Kennington Park, London


Kennington Park is a public park in Kennington, south London. Opened in 1854, it was the first public park in London, and one of the earliest venues for cricket in the capital. It has won multiple Green Flag Awards.

Project brief

Ecosulis was commissioned to assess Kennington Park from a biodiversity and health perspective, and then devise and implement a new park design.




manage Biodiversity

An increase in biodiversity in the park.

Protect Habitats

The development of different habitat types for wildlife.

empower-us-to-act People

Improvements in human physical and mental health.

How we added value

Biodiversity & Health: a combined approach

In cities, open spaces are often designed to either provide opportunities for biodiversity OR human recreation, health and wellness. With a new quantitative method developed by Ecosulis, it is possible to assess and consider both biodiversity and human health when designing open spaces.

Biodiversity & Health: baseline assessment

Ecosulis under took a baseline assessment of the park from a biodiversity and health perspective, and then used this information to identify where improvements could be made. This included identifying which improvements would provide both biodiversity and health enhancements, as these would be the most efficient measures to incorporate into a small parkland area.

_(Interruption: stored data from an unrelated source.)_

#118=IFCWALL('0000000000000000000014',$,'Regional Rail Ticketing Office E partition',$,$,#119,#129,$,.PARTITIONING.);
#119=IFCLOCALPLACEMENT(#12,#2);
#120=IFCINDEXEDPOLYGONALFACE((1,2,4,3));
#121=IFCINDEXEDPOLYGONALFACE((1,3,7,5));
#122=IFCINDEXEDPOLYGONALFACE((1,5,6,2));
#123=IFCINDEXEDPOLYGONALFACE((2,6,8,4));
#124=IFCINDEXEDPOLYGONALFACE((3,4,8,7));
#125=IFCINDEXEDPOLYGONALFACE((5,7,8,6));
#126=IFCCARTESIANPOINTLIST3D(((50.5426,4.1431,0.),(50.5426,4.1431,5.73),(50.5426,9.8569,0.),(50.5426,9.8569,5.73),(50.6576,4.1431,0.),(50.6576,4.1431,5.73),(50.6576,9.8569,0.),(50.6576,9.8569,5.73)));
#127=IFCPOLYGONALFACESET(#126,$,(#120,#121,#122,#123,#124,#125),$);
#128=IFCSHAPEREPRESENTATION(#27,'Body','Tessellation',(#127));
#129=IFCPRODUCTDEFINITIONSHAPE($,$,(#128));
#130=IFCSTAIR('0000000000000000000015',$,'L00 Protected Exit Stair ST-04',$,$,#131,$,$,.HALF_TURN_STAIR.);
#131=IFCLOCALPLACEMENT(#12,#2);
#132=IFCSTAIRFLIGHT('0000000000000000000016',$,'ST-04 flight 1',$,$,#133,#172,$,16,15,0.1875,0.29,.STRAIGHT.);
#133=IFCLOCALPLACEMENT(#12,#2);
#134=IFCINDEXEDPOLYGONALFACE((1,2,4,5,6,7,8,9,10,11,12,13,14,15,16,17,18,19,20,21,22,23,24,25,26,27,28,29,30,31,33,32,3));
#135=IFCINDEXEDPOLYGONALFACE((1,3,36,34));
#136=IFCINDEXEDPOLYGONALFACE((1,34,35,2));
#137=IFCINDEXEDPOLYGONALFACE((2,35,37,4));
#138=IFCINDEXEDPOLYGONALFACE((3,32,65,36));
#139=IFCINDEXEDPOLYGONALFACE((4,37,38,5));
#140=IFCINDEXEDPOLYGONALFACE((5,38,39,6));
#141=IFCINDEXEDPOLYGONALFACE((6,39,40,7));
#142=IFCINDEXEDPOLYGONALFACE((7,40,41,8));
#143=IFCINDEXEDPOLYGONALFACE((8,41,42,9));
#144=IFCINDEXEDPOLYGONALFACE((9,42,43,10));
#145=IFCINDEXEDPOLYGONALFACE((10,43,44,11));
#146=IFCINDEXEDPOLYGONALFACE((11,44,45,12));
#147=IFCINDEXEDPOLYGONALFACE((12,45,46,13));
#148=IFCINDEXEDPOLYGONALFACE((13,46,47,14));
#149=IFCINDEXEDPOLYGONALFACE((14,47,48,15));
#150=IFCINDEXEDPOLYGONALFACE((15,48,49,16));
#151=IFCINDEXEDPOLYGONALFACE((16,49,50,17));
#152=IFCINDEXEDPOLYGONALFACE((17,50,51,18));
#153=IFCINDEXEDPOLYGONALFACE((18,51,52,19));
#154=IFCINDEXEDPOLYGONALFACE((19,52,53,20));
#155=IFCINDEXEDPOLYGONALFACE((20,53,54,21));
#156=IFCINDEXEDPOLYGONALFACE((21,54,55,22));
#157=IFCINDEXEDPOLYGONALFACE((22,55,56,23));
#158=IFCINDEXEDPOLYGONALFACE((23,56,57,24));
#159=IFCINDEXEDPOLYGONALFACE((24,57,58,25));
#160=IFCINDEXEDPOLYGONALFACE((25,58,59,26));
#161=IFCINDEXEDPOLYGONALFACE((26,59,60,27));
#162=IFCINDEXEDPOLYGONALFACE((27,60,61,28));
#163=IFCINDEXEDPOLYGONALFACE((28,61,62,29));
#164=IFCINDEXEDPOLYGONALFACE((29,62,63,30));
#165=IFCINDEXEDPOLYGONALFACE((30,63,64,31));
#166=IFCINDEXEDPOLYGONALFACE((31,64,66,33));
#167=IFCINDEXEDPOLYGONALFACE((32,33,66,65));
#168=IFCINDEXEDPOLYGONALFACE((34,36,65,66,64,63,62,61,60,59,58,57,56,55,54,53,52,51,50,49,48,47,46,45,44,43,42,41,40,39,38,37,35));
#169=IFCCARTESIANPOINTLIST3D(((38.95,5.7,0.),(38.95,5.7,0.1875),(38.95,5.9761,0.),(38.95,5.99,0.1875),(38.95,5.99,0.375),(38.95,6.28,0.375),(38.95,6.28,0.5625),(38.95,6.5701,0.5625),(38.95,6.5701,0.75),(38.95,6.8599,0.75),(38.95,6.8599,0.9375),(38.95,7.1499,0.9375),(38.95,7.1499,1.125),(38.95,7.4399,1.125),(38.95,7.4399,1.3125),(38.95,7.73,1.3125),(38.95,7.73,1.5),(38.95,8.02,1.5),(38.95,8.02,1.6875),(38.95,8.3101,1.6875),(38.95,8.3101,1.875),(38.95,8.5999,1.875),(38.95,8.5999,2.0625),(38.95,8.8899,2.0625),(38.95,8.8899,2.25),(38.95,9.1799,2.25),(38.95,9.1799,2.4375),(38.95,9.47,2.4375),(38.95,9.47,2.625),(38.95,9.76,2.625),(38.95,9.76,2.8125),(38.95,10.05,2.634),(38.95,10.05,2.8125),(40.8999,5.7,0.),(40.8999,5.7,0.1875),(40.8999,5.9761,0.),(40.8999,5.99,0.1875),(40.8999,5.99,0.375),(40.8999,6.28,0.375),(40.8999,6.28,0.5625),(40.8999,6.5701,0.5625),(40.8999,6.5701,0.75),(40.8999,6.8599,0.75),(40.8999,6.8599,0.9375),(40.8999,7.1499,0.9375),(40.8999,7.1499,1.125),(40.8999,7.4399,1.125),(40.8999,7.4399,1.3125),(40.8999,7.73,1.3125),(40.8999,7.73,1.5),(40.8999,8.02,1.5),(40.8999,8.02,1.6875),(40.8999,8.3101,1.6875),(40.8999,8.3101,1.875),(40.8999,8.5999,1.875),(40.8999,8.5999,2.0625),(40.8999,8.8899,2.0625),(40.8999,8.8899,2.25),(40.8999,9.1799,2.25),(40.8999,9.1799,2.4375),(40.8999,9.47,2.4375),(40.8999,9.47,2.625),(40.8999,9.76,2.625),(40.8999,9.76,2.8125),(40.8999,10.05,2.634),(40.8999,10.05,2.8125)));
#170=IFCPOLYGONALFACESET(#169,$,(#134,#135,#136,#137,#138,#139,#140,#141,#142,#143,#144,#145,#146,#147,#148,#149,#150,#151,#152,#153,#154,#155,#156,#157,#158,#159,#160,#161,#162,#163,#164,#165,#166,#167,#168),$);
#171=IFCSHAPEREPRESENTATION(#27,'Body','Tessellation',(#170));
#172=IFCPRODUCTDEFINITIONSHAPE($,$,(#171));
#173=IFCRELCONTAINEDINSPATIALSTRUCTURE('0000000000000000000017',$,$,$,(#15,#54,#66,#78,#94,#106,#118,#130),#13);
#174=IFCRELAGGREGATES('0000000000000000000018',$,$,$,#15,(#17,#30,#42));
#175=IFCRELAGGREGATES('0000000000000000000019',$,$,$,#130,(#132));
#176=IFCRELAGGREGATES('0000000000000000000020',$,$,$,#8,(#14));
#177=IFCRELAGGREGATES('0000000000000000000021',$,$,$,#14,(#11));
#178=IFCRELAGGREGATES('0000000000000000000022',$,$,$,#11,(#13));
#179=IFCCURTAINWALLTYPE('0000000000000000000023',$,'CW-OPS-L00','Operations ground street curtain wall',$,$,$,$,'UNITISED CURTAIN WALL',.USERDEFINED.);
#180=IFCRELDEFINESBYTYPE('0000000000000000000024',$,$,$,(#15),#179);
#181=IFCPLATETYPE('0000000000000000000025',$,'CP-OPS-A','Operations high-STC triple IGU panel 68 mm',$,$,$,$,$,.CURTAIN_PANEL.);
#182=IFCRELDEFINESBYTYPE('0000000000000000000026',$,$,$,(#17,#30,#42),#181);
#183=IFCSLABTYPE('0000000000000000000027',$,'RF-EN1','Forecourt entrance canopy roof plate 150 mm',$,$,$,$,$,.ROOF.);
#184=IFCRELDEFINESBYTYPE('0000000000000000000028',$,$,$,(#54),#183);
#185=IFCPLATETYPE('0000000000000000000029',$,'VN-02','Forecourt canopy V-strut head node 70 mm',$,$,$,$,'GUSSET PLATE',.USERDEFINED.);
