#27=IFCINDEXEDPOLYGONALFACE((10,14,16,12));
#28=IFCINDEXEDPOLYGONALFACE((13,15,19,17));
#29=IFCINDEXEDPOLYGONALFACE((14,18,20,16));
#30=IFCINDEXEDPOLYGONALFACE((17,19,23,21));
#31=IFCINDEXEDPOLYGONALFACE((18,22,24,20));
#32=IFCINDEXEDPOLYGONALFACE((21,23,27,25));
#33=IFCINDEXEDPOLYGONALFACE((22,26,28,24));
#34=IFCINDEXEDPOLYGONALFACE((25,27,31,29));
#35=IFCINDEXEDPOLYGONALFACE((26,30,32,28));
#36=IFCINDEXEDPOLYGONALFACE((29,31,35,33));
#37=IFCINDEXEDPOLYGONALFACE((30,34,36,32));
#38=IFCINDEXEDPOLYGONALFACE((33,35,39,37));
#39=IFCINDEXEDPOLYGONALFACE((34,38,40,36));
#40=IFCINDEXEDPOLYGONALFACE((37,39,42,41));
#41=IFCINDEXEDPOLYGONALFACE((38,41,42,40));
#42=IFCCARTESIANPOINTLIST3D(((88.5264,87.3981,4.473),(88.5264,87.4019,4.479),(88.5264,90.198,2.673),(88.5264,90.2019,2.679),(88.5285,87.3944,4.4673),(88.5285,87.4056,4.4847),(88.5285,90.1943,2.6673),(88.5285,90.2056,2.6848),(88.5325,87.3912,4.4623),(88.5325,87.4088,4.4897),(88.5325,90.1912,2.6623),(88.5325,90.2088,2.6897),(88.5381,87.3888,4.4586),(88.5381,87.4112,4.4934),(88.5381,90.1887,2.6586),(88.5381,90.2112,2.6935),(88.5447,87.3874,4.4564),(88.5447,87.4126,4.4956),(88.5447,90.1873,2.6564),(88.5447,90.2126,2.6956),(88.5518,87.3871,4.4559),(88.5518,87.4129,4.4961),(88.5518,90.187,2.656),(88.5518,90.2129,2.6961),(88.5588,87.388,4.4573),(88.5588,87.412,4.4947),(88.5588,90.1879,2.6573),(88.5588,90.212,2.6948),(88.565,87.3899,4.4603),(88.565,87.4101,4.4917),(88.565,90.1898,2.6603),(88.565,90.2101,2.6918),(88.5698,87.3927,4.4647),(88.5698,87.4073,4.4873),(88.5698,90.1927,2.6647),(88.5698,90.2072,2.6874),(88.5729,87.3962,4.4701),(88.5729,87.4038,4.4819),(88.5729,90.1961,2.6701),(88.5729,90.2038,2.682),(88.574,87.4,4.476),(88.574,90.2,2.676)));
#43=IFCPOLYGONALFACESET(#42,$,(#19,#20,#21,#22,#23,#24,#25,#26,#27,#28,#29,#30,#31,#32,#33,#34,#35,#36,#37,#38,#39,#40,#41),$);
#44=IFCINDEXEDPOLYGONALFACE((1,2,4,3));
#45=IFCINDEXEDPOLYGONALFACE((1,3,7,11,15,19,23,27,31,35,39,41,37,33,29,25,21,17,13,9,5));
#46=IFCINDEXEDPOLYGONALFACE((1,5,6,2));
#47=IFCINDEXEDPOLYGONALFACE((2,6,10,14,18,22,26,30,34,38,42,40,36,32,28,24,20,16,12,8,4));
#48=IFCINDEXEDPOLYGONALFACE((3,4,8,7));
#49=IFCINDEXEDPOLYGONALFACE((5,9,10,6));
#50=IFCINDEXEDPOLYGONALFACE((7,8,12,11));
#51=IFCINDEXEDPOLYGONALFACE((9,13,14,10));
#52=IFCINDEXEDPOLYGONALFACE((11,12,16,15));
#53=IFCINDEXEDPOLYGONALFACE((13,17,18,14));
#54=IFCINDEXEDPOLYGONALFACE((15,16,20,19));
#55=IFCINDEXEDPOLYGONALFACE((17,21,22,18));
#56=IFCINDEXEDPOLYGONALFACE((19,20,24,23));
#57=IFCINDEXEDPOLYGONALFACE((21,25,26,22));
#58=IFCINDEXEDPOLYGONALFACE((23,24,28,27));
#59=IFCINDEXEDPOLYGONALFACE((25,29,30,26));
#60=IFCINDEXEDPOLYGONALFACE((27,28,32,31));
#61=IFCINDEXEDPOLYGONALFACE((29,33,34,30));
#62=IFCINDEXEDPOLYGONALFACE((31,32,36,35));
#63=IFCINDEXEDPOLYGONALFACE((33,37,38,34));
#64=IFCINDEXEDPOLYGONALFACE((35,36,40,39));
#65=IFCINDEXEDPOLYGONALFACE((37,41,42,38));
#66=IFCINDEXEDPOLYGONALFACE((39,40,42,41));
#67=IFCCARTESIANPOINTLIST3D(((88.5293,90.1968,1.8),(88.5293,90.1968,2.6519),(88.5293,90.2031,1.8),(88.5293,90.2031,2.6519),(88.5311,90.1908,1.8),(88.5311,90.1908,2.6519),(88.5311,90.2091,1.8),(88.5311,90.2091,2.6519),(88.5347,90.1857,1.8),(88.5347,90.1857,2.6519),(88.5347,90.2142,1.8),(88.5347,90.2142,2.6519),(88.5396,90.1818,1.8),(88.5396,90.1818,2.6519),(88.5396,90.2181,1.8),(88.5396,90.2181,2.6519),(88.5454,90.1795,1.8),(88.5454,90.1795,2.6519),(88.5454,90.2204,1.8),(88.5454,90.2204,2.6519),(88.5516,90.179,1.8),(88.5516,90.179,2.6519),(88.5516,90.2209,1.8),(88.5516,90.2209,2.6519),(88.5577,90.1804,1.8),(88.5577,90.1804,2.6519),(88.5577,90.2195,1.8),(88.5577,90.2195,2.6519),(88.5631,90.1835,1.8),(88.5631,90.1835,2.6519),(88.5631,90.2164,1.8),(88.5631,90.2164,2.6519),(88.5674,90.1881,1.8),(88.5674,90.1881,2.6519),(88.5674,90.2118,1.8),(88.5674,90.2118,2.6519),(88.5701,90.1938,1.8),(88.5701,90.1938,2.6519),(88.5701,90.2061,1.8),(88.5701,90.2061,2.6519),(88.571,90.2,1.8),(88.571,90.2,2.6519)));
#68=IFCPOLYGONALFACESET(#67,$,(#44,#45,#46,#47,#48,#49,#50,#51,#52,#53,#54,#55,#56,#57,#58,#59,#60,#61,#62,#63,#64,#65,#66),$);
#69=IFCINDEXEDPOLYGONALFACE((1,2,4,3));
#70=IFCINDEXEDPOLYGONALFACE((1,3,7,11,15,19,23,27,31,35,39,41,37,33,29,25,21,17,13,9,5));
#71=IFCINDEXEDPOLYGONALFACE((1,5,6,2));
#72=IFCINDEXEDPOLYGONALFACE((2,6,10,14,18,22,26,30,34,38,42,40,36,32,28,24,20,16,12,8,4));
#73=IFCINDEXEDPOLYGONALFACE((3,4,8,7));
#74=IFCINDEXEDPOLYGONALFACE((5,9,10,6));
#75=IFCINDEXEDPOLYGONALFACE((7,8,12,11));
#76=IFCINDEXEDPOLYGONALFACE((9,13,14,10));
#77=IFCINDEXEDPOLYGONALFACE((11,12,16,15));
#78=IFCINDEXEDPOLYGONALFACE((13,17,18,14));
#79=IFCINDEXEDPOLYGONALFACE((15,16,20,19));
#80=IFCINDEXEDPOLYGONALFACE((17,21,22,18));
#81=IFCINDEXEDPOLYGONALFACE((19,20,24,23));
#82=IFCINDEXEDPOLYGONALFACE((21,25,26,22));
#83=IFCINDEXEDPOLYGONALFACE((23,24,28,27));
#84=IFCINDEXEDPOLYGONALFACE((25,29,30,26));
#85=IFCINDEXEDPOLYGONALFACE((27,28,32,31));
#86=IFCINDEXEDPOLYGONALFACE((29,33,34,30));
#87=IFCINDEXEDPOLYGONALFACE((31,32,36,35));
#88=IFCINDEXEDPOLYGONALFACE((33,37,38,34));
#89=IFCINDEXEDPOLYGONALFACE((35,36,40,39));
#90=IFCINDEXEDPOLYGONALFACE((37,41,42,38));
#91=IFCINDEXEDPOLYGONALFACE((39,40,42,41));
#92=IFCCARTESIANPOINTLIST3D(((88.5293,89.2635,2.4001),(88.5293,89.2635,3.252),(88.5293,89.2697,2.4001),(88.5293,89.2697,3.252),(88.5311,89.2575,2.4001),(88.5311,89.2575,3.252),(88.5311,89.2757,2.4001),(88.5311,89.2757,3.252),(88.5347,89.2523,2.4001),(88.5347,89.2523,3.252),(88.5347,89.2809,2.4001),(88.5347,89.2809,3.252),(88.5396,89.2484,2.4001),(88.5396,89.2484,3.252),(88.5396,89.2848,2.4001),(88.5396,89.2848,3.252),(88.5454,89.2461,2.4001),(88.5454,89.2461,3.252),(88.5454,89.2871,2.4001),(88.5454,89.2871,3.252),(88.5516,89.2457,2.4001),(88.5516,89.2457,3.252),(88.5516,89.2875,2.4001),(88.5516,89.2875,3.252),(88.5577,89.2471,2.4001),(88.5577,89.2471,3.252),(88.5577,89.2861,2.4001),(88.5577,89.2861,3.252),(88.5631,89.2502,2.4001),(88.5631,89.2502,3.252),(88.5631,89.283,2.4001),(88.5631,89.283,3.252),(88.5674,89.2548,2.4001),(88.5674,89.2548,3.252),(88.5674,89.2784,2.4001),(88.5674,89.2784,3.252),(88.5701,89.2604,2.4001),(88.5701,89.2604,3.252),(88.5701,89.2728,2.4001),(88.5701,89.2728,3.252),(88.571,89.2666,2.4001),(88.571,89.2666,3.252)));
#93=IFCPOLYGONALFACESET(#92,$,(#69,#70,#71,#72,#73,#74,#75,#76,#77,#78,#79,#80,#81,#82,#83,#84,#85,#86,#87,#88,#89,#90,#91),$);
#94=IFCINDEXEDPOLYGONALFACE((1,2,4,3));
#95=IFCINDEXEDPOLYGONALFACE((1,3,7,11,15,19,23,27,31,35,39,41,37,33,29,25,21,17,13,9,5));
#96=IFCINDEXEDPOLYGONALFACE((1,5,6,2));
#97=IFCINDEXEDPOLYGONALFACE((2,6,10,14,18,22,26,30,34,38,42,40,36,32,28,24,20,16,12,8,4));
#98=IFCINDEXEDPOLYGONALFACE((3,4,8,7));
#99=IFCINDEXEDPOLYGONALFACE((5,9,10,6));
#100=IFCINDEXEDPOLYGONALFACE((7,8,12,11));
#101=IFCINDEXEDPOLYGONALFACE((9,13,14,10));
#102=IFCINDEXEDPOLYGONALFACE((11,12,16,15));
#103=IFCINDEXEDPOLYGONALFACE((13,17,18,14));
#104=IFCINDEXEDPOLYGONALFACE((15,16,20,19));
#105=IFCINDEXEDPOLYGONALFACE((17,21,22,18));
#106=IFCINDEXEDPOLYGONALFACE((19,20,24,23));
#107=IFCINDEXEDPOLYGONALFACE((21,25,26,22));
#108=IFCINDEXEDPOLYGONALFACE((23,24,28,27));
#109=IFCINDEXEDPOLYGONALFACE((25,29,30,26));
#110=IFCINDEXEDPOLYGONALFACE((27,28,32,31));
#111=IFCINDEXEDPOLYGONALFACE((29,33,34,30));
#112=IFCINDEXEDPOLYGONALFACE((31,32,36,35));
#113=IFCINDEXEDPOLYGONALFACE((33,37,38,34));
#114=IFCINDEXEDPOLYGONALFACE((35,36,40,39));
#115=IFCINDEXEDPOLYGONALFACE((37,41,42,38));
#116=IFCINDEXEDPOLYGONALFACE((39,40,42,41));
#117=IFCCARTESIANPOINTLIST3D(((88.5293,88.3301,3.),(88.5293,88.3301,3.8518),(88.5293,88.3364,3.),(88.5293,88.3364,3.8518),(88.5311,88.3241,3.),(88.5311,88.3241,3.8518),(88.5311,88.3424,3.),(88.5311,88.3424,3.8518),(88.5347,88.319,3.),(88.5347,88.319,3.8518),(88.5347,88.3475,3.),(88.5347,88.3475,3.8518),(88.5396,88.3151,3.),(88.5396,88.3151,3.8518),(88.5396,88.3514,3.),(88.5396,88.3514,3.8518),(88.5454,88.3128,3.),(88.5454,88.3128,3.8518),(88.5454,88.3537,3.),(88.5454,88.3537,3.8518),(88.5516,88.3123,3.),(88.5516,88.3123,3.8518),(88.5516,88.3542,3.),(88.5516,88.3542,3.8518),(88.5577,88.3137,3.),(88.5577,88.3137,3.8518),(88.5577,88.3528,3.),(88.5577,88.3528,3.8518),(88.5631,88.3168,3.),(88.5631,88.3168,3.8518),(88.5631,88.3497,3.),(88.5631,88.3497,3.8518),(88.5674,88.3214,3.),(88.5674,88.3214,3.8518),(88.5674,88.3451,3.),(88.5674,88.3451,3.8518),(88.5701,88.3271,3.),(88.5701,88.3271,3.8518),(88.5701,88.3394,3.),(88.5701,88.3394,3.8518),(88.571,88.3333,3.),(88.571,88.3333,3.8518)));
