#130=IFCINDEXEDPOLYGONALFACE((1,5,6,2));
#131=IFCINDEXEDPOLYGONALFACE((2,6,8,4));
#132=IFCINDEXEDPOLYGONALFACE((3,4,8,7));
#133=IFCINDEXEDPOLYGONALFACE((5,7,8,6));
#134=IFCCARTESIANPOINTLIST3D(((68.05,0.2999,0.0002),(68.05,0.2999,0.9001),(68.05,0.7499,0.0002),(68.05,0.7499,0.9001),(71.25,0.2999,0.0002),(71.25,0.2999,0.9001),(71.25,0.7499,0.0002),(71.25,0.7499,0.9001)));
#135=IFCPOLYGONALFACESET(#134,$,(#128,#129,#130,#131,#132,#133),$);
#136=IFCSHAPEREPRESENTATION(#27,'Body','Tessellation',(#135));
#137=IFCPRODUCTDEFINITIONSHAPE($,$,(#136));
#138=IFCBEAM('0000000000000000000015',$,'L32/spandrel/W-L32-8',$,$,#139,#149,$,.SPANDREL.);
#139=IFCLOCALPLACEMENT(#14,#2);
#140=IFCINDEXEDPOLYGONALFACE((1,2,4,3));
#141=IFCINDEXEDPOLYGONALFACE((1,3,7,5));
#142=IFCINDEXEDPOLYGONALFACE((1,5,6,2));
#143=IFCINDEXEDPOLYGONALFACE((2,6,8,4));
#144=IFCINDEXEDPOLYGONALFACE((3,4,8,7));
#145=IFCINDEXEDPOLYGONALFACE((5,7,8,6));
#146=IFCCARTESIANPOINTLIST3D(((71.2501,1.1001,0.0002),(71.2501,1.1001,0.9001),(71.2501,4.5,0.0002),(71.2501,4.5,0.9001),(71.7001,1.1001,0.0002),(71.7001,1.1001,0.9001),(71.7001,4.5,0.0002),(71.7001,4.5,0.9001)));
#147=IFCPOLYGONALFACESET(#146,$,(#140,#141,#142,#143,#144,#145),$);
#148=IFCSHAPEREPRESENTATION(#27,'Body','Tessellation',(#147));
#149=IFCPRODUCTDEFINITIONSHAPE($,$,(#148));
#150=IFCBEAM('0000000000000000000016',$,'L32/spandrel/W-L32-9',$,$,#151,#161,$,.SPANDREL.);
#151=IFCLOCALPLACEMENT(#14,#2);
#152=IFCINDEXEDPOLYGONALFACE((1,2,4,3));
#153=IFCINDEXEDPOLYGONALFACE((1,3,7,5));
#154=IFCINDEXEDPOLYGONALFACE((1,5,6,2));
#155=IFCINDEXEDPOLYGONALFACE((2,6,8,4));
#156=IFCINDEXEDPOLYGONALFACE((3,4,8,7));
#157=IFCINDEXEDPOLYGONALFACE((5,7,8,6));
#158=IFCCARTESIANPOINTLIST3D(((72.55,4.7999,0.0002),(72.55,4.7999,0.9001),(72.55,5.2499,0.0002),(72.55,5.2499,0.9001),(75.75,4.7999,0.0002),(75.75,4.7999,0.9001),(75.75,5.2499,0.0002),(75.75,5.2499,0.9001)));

Result: current health status

Regarding the current health status, Kennington Park had a satisfactory score on the criteria “Community Initiatives” and “Accessibility”. The largest improvements could be made in the categories “Environment” and “Mental Wellbeing”. In addition, although the “Activity Zones” scored relatively well, there are still many improvements that could be made in this aspect.

Result: park improvements

Improvements include creating wildflower meadows within areas of the parkland to increase species diversity and opportunities for pollinators. This also improves the amenity value of the park and will benefit human mental health. Other measures include the incorporation of interpretation boards, as well as natural trail areas for human physical wellbeing.